Riza Herdavid menegaskan bahwa persoalan ini tidak bisa berhenti hanya di sanksi kedisiplinan. Karena laporan berasal dari masyarakat, maka harus ditangani secara investigatif dan transparan.
Dirinya turut memanggil Inspektorat dan Badan Kepegawaian dan Pengembangan Sumber Daya Manusia Daerah (BKPSDMD) setempat. Dua dinas tersebut diinstruksikan agar segera melakukan investigasi internal guna mendalami laporan masyarakat lewat media sosial. Bukti-bukti hingga kini sedang dikumpulkan oleh tim untuk tindakan lebih lanjut.
"Harapan saya semoga laporan dari masyarakat ini enggak benar. Kalaupun laporan ini benar, saya minta inspektorat dan dinas kepegawaian bertindak saja secara regulasi kena sanksi ringan berat atau sedang tergantung kesalahan," tegas Riza Herdavid.
Diketahui, program bantuan UMKM ini sudah berjalan sejak periode pertamanya menjabat sebagai kepala daerah bersama Debby Vita Dewi. Baru kali ini muncul laporan ada pemotongan bantuan UMKM seperti ini.
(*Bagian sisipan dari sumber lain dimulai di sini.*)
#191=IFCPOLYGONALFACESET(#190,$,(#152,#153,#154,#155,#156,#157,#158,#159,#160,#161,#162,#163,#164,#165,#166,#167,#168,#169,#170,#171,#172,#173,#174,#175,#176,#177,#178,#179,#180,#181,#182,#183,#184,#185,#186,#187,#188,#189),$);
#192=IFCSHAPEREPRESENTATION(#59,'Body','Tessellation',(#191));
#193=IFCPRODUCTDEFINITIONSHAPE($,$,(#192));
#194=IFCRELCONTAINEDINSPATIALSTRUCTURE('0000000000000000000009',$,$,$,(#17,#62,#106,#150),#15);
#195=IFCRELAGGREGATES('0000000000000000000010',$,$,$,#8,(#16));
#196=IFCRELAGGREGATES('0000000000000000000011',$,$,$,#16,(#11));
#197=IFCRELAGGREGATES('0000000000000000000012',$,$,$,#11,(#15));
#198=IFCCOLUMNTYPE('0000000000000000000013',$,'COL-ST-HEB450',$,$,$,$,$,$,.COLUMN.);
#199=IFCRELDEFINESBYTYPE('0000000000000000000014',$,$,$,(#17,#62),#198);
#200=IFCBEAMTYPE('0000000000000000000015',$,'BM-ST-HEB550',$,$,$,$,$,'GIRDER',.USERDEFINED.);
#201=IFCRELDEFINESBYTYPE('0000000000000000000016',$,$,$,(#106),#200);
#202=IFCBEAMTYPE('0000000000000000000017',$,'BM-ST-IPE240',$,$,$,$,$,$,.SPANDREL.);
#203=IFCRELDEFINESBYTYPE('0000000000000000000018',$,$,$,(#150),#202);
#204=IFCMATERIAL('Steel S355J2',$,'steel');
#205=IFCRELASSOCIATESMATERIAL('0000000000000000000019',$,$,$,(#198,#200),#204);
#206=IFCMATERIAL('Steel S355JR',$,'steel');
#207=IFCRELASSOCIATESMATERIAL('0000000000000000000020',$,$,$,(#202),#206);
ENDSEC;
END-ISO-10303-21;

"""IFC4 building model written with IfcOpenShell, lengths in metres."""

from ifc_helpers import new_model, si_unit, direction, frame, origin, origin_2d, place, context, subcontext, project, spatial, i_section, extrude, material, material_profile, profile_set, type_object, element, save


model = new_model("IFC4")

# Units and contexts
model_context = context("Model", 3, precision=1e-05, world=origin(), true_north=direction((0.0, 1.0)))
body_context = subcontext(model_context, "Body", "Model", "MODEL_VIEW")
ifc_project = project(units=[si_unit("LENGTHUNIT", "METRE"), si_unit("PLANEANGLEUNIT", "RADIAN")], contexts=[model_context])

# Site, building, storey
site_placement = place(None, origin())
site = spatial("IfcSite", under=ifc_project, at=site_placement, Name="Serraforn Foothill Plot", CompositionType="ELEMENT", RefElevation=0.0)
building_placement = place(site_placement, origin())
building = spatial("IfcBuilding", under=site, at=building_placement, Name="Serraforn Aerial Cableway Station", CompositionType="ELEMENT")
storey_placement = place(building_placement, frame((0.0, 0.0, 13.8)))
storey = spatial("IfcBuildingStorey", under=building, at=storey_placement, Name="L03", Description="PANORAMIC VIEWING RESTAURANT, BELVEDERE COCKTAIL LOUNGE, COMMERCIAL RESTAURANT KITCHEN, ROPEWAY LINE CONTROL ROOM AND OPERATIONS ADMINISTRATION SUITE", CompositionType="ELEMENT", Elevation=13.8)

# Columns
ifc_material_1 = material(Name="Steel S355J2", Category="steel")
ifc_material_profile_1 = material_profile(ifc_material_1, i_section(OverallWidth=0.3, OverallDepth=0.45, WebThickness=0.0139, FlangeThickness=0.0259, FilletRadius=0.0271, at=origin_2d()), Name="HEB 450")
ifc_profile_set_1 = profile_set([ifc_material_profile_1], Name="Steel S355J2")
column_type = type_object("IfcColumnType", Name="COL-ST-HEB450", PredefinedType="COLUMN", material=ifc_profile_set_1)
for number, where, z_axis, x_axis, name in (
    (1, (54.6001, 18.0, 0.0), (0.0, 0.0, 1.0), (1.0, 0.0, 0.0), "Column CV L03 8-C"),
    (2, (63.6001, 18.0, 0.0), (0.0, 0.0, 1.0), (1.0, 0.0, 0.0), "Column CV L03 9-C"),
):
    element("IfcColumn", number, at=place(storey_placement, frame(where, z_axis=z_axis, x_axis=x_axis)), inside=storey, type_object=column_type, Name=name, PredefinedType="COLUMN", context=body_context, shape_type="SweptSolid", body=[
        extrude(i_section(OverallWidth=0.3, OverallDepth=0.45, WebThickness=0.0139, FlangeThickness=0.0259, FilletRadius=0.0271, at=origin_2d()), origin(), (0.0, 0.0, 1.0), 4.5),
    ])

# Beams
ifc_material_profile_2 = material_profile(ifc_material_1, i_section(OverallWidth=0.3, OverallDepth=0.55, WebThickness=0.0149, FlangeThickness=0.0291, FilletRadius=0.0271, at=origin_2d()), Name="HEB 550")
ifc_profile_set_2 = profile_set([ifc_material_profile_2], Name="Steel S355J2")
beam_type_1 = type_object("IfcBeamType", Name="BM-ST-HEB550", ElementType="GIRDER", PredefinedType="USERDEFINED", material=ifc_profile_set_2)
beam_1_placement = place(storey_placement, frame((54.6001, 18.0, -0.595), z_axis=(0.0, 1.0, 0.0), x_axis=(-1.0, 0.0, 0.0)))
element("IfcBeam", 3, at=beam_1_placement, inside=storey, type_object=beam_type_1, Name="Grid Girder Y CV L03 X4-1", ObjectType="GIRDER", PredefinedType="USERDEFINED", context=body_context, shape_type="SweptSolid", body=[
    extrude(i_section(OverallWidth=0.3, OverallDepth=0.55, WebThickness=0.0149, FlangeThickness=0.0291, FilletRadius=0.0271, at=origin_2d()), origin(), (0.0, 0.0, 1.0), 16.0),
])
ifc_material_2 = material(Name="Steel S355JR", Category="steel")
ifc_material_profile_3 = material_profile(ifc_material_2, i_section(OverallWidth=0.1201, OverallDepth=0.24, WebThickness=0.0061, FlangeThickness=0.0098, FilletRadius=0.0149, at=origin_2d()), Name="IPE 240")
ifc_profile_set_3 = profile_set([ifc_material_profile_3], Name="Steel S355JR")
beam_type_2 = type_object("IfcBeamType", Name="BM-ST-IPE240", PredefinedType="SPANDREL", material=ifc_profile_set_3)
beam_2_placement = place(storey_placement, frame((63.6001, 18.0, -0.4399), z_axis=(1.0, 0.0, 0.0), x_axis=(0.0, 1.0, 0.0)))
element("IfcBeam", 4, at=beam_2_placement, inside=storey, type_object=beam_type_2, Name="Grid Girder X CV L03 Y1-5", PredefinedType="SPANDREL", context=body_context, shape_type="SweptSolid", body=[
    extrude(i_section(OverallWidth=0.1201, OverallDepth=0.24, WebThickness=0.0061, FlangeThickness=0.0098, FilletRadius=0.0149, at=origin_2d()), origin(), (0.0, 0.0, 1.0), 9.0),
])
Dari lima laporan sebagian pelaku UMKM mengaku ada dugaan pungutan atau permainan dalam penyaluran bantuan. Walaupun bantuan modal dikirim melalui rekening masing-masing penerima, terdapat sejumlah oknum yang diduga melakukan pungli.
Oknum pegawai tersebut meminta imbalan sebesar Rp200 ribu sampai Rp300 ribu sebagai upah atas meloloskan pelaku UMKM bisa mendapatkan bantuan modal senilai Rp1 juta. Dana tersebut diminta dengan dalih pembelian materai hingga pembuatan berkas-berkas tertentu.
Bahkan ada pula laporan bahwa penerima bantuan bukan berasal dari pelaku UMKM, melainkan pihak lain yang tidak berhak. Meskipun begitu, semua laporan tersebut akan diklarifikasi melalui investigasi resmi. "Untuk bukti sedang kami cari. Segala laporan harus kita teliti betul dan hati-hati. Kita tunggu sama-sama agar yang menjadi hak rakyat nih memang diterima oleh rakyat," ucapnya.
Riza Herdavid turut membuka kemungkinan bahwa masih ada oknum yang melakukan penyimpangan bukan berasal dari kalangan ASN. Jika demikian, langkah hukum luar instansi bisa ditempuh guna memberikan efek jera.
Sementara ini, tindakan sanksi terhadap oknum ASN masih pada tahap kedisiplinan karena ketidakhadiran saat sidak. Ia turut mengingatkan agar seluruh aparatur dan pihak terkait menjaga integritas program bantuan rakyat.
"Kalau sekarang sanksi disiplin karena saat sidak tidak masuk kerja. Untuk SP laporan belum ada, karena sifatnya masih investigasi," pungkas Riza Herdavid. (u1)
| Tim Survei Tiga Lokasi Rencana Pembangunan Sekolah Rakyat di Bangka Selatan |
|
|---|
| Riza Herdavid Janji Bangun Ulang Rumah Warga Terbakar |
|
|---|
| Kejari Bangka Selatan Musnahkan 214 Barang Bukti Perkara Inkrah |
|
|---|
| ASN Bangka Selatan Diajak Perkuat Tata Kelola Arsip |
|
|---|
| 158 Calhaj Dibagi Dua Kloter, Kemenhaj Basel Pastikan Belum Ada Perubahan Jadwal Keberangkatan |
|
|---|
:quality(30):format(webp):focal(0.5x0.5:0.5x0.5)/bangka/foto/bank/originals/20251020-SIDAK-KANTOR-DKUKMINDAG.jpg)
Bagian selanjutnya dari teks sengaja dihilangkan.